# Sirius satelite radio in mid-year build BMW's



## evilfactoryowne (Dec 24, 2001)

I went to a Sirius Satelite Radio gathering today and the guy from Sirus Satelite Radio said Sirius will become an option from the BMW dealership mid-year. Someone asked if the current radio in BMW's could be used to receive Sirius broadcasts and the guy said yes. This means we can go into a stero shop and just purchase the Sirius receive along with an antenna and we will be ready to receive satelite radio! He said BMW's come with alpine radios, but I'm not to sure of that...I know they use Alpine changers, but I thought blaupkant made the radios...?


----------



## Shinobi (Dec 23, 2001)

I was taking apart the interior of my car last night and I pulled out the radio and underneath it said Alpine.


----------



## Sean (Dec 22, 2001)

I've also heard the same thing about the Blaupkant radios.
Sirius Radio is supposed to launch on Feb. 14th.
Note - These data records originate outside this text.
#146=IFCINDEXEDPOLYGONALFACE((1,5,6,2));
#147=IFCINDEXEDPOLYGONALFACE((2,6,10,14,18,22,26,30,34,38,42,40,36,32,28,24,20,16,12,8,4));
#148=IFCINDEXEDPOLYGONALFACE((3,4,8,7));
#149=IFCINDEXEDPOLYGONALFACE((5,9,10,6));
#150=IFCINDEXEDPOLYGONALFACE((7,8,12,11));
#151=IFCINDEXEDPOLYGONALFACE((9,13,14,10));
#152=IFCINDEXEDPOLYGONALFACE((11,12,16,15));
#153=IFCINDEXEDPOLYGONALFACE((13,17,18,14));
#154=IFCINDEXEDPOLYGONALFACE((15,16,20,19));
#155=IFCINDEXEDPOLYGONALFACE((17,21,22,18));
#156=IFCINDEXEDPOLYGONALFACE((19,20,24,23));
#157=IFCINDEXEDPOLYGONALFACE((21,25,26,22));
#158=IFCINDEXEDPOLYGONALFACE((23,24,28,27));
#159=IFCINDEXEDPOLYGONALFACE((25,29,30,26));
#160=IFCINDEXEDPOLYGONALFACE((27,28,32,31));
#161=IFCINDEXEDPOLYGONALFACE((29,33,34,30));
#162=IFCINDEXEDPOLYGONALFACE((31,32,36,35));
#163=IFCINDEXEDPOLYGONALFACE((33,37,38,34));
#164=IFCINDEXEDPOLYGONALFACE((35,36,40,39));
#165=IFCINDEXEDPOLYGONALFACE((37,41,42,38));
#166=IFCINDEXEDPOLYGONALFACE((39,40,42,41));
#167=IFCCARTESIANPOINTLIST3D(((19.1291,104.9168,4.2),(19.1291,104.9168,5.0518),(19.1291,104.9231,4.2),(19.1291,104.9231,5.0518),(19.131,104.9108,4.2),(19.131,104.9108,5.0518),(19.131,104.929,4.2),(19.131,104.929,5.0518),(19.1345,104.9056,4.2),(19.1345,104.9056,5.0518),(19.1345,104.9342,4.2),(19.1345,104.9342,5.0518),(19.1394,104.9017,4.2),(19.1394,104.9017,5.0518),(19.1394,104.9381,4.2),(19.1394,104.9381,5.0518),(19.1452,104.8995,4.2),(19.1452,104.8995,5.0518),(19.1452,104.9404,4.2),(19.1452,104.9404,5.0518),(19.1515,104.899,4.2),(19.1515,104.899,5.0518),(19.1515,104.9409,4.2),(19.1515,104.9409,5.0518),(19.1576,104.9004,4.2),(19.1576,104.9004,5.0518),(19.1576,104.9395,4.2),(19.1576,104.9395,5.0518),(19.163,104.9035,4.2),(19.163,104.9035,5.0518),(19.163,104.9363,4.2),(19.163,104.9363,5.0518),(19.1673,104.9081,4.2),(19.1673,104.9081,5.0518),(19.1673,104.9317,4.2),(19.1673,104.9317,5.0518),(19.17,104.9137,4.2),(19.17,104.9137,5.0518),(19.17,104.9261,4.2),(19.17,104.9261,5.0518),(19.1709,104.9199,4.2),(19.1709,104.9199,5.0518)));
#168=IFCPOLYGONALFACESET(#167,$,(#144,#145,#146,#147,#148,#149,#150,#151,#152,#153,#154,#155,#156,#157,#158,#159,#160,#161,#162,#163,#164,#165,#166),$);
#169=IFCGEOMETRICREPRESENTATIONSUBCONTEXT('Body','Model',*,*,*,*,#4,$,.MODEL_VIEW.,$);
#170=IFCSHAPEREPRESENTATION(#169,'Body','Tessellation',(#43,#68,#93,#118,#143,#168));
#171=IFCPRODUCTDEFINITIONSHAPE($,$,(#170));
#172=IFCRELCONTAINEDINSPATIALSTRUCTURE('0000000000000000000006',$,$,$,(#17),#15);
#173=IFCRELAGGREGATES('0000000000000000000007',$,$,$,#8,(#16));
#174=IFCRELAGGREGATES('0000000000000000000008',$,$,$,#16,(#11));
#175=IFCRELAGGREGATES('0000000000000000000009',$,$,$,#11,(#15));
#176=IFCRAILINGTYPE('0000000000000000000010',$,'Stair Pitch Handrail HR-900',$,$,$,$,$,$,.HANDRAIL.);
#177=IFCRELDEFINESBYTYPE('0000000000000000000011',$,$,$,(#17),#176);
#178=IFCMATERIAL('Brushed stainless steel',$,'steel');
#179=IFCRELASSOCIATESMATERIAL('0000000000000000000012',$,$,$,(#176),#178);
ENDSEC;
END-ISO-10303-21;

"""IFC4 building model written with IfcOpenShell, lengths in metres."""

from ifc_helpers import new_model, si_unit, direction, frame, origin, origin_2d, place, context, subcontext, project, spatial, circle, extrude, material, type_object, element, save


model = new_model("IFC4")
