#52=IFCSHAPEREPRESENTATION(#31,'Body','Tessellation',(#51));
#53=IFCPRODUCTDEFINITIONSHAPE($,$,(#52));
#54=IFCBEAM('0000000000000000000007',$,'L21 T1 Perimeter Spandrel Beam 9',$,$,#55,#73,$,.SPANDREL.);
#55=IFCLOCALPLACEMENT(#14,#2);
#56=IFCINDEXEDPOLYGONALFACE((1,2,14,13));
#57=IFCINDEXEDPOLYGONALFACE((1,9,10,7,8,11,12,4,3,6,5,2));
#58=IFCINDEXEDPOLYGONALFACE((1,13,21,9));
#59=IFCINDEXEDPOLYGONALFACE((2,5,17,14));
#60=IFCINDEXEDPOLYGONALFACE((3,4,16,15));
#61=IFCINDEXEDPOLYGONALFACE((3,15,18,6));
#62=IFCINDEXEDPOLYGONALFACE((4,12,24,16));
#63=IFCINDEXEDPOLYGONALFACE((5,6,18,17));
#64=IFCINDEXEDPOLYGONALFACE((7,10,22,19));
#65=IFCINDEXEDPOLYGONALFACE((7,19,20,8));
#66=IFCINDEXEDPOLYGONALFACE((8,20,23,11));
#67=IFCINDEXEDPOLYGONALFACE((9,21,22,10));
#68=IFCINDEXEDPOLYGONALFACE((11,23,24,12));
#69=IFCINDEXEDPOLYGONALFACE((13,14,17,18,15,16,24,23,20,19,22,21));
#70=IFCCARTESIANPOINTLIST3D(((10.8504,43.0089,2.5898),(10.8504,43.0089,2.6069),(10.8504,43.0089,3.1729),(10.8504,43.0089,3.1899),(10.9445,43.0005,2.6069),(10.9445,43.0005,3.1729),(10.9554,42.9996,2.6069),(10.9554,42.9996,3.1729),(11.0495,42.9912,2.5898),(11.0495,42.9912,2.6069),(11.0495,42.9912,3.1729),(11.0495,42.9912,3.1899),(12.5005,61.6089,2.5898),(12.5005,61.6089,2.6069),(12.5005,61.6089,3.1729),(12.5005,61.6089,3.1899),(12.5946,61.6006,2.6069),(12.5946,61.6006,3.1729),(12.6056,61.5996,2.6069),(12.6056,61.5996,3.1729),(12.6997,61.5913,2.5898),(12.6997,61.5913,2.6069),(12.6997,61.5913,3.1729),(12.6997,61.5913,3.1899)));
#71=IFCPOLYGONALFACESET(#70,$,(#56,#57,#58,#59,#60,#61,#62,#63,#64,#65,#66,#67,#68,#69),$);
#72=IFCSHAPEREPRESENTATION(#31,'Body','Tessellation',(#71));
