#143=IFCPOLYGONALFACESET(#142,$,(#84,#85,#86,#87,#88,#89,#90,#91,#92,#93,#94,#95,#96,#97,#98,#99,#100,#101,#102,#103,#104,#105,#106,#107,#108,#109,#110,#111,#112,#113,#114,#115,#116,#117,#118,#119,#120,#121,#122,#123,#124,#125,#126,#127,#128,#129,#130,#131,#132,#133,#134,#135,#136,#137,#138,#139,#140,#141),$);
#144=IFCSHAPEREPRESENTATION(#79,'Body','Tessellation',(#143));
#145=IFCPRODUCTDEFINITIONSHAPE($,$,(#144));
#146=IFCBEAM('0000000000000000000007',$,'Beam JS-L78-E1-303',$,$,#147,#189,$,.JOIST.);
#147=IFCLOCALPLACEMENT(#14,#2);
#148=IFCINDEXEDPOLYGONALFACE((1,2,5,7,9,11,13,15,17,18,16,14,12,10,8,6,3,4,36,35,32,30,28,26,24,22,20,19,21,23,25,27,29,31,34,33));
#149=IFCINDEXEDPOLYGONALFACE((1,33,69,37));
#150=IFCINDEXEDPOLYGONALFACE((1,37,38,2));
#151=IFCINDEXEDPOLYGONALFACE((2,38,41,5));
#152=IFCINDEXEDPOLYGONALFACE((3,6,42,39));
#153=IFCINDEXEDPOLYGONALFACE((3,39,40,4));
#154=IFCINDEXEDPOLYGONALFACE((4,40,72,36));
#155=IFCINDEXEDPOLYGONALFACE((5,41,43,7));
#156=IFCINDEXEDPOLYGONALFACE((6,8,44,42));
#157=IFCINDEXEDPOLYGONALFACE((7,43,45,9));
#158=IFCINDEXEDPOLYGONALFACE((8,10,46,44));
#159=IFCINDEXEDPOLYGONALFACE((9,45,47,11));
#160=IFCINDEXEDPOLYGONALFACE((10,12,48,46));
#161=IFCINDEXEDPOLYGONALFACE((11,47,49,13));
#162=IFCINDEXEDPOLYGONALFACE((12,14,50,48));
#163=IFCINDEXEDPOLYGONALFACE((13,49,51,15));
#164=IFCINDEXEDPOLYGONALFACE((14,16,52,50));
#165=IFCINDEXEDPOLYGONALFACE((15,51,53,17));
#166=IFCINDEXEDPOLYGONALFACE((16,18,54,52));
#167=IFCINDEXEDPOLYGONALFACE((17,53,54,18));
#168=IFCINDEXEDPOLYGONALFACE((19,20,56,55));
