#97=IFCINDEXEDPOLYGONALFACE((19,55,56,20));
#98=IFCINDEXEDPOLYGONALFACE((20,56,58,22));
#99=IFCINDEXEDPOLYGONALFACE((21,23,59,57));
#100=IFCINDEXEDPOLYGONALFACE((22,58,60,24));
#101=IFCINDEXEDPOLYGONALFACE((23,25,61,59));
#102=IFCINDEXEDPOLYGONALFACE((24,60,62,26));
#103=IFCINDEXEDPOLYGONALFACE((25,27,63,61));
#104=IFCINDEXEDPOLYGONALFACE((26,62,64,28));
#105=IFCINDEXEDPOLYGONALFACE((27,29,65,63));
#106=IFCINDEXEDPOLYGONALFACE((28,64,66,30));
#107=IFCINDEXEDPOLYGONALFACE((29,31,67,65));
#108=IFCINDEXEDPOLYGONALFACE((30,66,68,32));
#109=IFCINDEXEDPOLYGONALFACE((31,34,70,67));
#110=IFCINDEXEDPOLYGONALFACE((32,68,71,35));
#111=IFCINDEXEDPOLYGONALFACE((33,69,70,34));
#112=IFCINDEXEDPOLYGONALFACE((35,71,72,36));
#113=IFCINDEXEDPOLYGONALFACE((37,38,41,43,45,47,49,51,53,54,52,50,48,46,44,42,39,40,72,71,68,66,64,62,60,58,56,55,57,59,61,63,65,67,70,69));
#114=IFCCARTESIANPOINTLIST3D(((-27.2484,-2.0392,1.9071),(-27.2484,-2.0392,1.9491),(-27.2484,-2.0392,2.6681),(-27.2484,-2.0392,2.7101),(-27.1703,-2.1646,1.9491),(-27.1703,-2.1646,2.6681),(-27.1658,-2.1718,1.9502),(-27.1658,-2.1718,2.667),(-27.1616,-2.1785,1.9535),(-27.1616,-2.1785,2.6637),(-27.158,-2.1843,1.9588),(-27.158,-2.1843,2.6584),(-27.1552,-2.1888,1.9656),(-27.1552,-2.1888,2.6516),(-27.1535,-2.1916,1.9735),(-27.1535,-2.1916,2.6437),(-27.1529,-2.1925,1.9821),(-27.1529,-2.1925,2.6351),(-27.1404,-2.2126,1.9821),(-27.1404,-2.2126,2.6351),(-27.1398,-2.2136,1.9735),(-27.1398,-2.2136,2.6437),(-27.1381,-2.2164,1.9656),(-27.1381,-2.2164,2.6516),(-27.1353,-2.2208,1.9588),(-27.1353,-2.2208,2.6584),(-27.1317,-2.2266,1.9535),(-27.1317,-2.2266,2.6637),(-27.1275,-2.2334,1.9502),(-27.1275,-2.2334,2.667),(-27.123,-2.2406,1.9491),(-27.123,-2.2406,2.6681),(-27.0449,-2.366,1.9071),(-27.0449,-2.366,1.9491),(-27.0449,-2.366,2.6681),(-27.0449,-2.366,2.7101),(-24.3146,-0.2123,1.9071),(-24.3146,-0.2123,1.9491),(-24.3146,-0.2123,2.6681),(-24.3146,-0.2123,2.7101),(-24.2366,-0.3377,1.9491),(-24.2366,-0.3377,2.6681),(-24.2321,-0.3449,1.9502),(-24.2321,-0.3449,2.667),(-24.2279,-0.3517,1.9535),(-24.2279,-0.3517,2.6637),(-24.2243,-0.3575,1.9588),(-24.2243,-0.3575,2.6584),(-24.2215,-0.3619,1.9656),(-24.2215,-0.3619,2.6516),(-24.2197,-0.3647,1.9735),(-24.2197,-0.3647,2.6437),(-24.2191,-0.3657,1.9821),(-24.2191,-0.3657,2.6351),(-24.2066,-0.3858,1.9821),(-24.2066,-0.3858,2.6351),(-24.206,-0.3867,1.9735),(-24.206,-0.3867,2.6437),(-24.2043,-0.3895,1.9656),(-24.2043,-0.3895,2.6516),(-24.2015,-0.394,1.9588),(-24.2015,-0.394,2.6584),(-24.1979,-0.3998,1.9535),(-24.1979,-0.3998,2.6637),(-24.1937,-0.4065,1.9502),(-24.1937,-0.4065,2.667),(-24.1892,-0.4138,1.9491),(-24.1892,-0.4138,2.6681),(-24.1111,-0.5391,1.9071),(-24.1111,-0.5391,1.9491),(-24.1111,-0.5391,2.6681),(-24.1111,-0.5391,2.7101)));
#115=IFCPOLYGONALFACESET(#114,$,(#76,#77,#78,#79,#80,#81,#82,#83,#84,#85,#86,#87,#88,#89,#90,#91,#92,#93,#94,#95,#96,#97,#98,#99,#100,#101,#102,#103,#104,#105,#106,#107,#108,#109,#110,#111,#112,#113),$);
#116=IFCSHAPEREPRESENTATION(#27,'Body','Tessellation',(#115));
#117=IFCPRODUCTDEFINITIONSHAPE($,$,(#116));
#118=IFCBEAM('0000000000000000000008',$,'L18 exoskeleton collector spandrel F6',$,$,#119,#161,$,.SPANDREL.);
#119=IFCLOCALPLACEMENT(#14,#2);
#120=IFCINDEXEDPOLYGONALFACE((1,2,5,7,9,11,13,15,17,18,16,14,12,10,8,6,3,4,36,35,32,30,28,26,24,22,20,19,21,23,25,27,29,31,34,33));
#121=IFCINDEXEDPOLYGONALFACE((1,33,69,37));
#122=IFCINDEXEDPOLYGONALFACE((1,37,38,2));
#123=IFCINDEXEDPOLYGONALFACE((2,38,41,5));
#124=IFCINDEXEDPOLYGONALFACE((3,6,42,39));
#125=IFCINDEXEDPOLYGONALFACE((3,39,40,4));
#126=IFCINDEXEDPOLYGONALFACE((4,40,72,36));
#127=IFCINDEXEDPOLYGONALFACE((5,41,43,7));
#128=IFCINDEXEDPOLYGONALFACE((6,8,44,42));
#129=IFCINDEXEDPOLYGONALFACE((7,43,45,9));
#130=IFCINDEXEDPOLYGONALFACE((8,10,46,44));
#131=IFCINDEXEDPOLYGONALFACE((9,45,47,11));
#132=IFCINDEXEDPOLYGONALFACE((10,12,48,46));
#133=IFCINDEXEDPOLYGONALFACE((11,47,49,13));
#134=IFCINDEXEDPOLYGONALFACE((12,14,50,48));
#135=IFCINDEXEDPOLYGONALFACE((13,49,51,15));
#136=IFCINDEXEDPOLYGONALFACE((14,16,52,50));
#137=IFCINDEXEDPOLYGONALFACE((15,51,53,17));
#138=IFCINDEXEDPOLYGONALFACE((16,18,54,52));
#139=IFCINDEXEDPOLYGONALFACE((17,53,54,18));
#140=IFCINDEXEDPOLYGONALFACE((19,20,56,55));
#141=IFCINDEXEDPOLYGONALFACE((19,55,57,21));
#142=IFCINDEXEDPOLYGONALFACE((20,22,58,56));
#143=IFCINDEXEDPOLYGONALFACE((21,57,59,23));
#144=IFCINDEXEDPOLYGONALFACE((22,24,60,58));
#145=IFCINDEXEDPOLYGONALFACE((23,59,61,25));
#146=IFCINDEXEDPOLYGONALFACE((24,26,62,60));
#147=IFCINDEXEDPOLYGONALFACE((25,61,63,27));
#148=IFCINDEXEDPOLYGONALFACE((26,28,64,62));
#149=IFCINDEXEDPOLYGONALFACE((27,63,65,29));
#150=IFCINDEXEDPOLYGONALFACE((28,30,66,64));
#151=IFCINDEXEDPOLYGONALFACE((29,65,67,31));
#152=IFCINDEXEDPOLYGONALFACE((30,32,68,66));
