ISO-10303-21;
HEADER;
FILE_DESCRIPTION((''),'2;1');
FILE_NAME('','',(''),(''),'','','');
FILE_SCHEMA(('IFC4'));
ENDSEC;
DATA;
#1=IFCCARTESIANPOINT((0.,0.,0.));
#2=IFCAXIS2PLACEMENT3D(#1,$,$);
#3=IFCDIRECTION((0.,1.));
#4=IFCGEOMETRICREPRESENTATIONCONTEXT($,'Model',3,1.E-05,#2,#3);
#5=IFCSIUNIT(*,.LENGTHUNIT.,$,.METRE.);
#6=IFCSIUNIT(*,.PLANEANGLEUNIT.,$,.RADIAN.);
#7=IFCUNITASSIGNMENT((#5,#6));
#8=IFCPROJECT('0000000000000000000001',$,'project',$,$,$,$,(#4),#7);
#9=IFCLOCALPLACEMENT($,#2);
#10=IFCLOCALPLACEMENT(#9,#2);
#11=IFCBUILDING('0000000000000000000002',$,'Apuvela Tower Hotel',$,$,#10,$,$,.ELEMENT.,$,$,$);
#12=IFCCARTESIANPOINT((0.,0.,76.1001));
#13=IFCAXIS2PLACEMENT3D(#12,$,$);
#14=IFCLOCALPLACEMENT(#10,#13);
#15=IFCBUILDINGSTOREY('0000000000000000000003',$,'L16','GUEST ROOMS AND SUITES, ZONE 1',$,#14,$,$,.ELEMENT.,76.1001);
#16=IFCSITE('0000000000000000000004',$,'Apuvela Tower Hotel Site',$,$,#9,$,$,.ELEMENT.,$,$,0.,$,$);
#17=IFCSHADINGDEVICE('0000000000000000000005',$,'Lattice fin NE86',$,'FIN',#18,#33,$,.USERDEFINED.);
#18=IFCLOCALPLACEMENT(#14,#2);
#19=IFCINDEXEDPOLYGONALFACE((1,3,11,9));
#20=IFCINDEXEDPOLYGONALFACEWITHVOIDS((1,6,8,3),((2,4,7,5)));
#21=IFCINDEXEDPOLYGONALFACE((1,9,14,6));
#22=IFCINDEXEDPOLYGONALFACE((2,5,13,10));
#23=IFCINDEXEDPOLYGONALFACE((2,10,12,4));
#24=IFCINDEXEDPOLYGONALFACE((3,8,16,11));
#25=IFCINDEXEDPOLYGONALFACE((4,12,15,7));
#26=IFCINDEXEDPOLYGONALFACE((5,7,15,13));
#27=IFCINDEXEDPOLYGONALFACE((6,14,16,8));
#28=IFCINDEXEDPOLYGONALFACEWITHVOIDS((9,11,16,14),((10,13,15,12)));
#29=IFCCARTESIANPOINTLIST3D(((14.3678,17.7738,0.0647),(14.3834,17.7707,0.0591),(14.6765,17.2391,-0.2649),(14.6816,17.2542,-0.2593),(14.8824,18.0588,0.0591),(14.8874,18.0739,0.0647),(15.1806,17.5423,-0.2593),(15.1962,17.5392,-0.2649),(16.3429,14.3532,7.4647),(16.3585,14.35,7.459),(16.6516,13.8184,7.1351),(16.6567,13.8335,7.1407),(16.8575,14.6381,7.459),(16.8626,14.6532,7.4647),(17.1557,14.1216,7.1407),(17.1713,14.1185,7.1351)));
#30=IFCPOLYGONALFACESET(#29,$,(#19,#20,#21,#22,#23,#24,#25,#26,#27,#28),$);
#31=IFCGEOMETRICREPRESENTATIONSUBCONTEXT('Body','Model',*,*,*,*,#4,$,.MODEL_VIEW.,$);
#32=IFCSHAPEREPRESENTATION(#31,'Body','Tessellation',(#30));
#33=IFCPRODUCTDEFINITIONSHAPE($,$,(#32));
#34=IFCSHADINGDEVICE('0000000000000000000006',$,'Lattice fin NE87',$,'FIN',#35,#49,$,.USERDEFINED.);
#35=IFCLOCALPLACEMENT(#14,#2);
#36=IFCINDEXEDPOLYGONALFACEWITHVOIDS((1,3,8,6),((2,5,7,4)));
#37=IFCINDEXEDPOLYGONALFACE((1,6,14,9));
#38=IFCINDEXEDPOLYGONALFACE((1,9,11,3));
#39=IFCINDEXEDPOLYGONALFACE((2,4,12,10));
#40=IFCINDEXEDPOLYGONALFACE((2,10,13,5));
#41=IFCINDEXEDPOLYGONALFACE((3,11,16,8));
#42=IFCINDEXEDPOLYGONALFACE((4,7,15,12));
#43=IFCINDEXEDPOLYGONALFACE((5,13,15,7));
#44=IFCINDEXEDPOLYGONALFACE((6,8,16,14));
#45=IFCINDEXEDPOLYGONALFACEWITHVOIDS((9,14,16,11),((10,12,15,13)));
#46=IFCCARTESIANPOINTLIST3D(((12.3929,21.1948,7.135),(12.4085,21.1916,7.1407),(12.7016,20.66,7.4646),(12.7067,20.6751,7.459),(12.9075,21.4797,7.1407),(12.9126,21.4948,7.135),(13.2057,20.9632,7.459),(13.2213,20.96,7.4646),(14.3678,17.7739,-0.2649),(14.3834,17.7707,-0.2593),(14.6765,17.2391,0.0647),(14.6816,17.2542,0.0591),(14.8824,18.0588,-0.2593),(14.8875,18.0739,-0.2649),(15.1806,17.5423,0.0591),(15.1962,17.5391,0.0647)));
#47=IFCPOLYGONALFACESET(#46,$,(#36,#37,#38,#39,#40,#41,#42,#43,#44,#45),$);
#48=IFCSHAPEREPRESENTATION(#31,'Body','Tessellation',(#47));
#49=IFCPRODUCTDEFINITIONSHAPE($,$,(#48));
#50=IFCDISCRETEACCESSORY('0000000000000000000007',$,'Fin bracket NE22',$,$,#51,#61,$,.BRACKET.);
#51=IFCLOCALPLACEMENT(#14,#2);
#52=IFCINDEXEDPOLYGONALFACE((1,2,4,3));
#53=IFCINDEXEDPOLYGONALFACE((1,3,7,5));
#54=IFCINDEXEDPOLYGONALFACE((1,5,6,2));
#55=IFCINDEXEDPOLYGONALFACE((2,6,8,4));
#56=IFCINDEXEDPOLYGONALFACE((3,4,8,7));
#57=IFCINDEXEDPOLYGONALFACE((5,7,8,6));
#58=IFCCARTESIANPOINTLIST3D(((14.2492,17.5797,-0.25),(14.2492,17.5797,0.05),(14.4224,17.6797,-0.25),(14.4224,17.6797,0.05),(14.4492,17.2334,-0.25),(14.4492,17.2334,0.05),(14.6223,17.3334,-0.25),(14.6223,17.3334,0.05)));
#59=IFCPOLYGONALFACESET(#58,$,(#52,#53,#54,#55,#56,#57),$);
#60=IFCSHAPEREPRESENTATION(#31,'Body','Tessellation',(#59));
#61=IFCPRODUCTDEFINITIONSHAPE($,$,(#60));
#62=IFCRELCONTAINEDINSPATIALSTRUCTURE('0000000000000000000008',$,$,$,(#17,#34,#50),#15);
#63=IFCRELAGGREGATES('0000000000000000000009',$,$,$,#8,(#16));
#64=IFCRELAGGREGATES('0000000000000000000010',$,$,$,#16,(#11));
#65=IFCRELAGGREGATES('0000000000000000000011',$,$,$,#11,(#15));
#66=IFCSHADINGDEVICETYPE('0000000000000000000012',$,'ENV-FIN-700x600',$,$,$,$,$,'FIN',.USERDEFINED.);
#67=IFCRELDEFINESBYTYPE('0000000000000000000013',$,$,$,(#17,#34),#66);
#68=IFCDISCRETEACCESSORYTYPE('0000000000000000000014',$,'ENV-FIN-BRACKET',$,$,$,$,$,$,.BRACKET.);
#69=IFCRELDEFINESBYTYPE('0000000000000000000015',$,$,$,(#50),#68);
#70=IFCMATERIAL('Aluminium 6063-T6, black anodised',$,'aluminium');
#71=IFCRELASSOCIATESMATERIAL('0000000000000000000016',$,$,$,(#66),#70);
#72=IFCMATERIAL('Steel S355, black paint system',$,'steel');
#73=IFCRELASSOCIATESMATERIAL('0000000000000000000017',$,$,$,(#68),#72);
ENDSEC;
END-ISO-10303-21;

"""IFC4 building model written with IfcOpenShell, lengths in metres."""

from ifc_helpers import new_model, si_unit, direction, frame, origin, origin_2d, place, context, subcontext, project, spatial, rectangle, hollow_rectangle, extrude, material, material_profile, profile_set, type_object, element, save


model = new_model("IFC4")

# Units and contexts
model_context = context("Model", 3, precision=1e-05, world=origin(), true_north=direction((0.0, 1.0)))
body_context = subcontext(model_context, "Body", "Model", "MODEL_VIEW")
ifc_project = project(units=[si_unit("LENGTHUNIT", "METRE"), si_unit("PLANEANGLEUNIT", "RADIAN")], contexts=[model_context])

# Site, building, storey
site_placement = place(None, origin())
site = spatial("IfcSite", under=ifc_project, at=site_placement, Name="Apuvela Tower Hotel Site", CompositionType="ELEMENT", RefElevation=0.0)
building_placement = place(site_placement, origin())
building = spatial("IfcBuilding", under=site, at=building_placement, Name="Apuvela Tower Hotel", CompositionType="ELEMENT")
storey_placement = place(building_placement, frame((0.0, 0.0, 76.1001)))
storey = spatial("IfcBuildingStorey", under=building, at=storey_placement, Name="L16", Description="GUEST ROOMS AND SUITES, ZONE 1", CompositionType="ELEMENT", Elevation=76.1001)

# Shading devices
ifc_material_1 = material(Name="Aluminium 6063-T6, black anodised", Category="aluminium")
ifc_material_profile_1 = material_profile(ifc_material_1, hollow_rectangle(XDim=0.6001, YDim=0.7, WallThickness=0.012, at=origin_2d()), Name="AL BOX 700x600x12")
ifc_profile_set_1 = profile_set([ifc_material_profile_1], Name="Aluminium 6063-T6, black anodised")
shading_device_type = type_object("IfcShadingDeviceType", Name="ENV-FIN-700x600", ElementType="FIN", PredefinedType="USERDEFINED", material=ifc_profile_set_1)
for number, where, z_axis, x_axis, name in (
    (1, (14.782, 17.6565, -0.1001), (0.235464, -0.407798, 0.882189), (0.866005, 0.500035, 0.0), "Lattice fin NE86"),
    (2, (14.782, 17.6565, -0.1001), (-0.235434, 0.407825, 0.882185), (-0.866048, -0.499961, 0.0), "Lattice fin NE87"),
):
    element("IfcShadingDevice", number, at=place(storey_placement, frame(where, z_axis=z_axis, x_axis=x_axis)), inside=storey, type_object=shading_device_type, Name=name, ObjectType="FIN", PredefinedType="USERDEFINED", context=body_context, shape_type="SweptSolid", body=[
        extrude(hollow_rectangle(XDim=0.6001, YDim=0.7, WallThickness=0.012, at=origin_2d()), origin(), (0.0, 0.0, 1.0), 8.3882),
    ])

# Discrete accessory
ifc_material_2 = material(Name="Steel S355, black paint system", Category="steel")
discrete_accessory_type = type_object("IfcDiscreteAccessoryType", Name="ENV-FIN-BRACKET", PredefinedType="BRACKET", material=ifc_material_2)
discrete_accessory_placement = place(storey_placement, frame((14.4358, 17.4565, -0.25), z_axis=(0.0, 0.0, 1.0), x_axis=(-0.5, 0.866025, 0.0)))
element("IfcDiscreteAccessory", 3, at=discrete_accessory_placement, inside=storey, type_object=discrete_accessory_type, Name="Fin bracket NE22", PredefinedType="BRACKET", context=body_context, shape_type="SweptSolid", body=[
    extrude(rectangle(XDim=0.3999, YDim=0.2, at=origin_2d()), origin(), (0.0, 0.0, 1.0), 0.3),
])

save(model, "model.ifc")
It was supposed to be an option starting in March, but I read in the Roundel or somewhere that it will now be more towards the end of the year and the New 7 gets it first.


----------



## evilfactoryowne (Dec 24, 2001)

Sean said:


> *I've also heard the same thing about the Blaupkant radios.
> Sirius Radio is supposed to launch on Feb. 14th. It was supposed to be an option starting in March, but I read in the Roundel or somewhere that it will now be more towards the end of the year and the New 7 gets it first. *


I know it launches in houston, deven, phenoix, and some place in mississippi on valentines day. If it turns out my current radio supports it without it having to be FM modulated then ill get it. My brother has XM satelite and likes it. I havent got any Sirius's receivers instock yet at my shop...Hopefully sometime real soon, so I can compare it to XM.


----------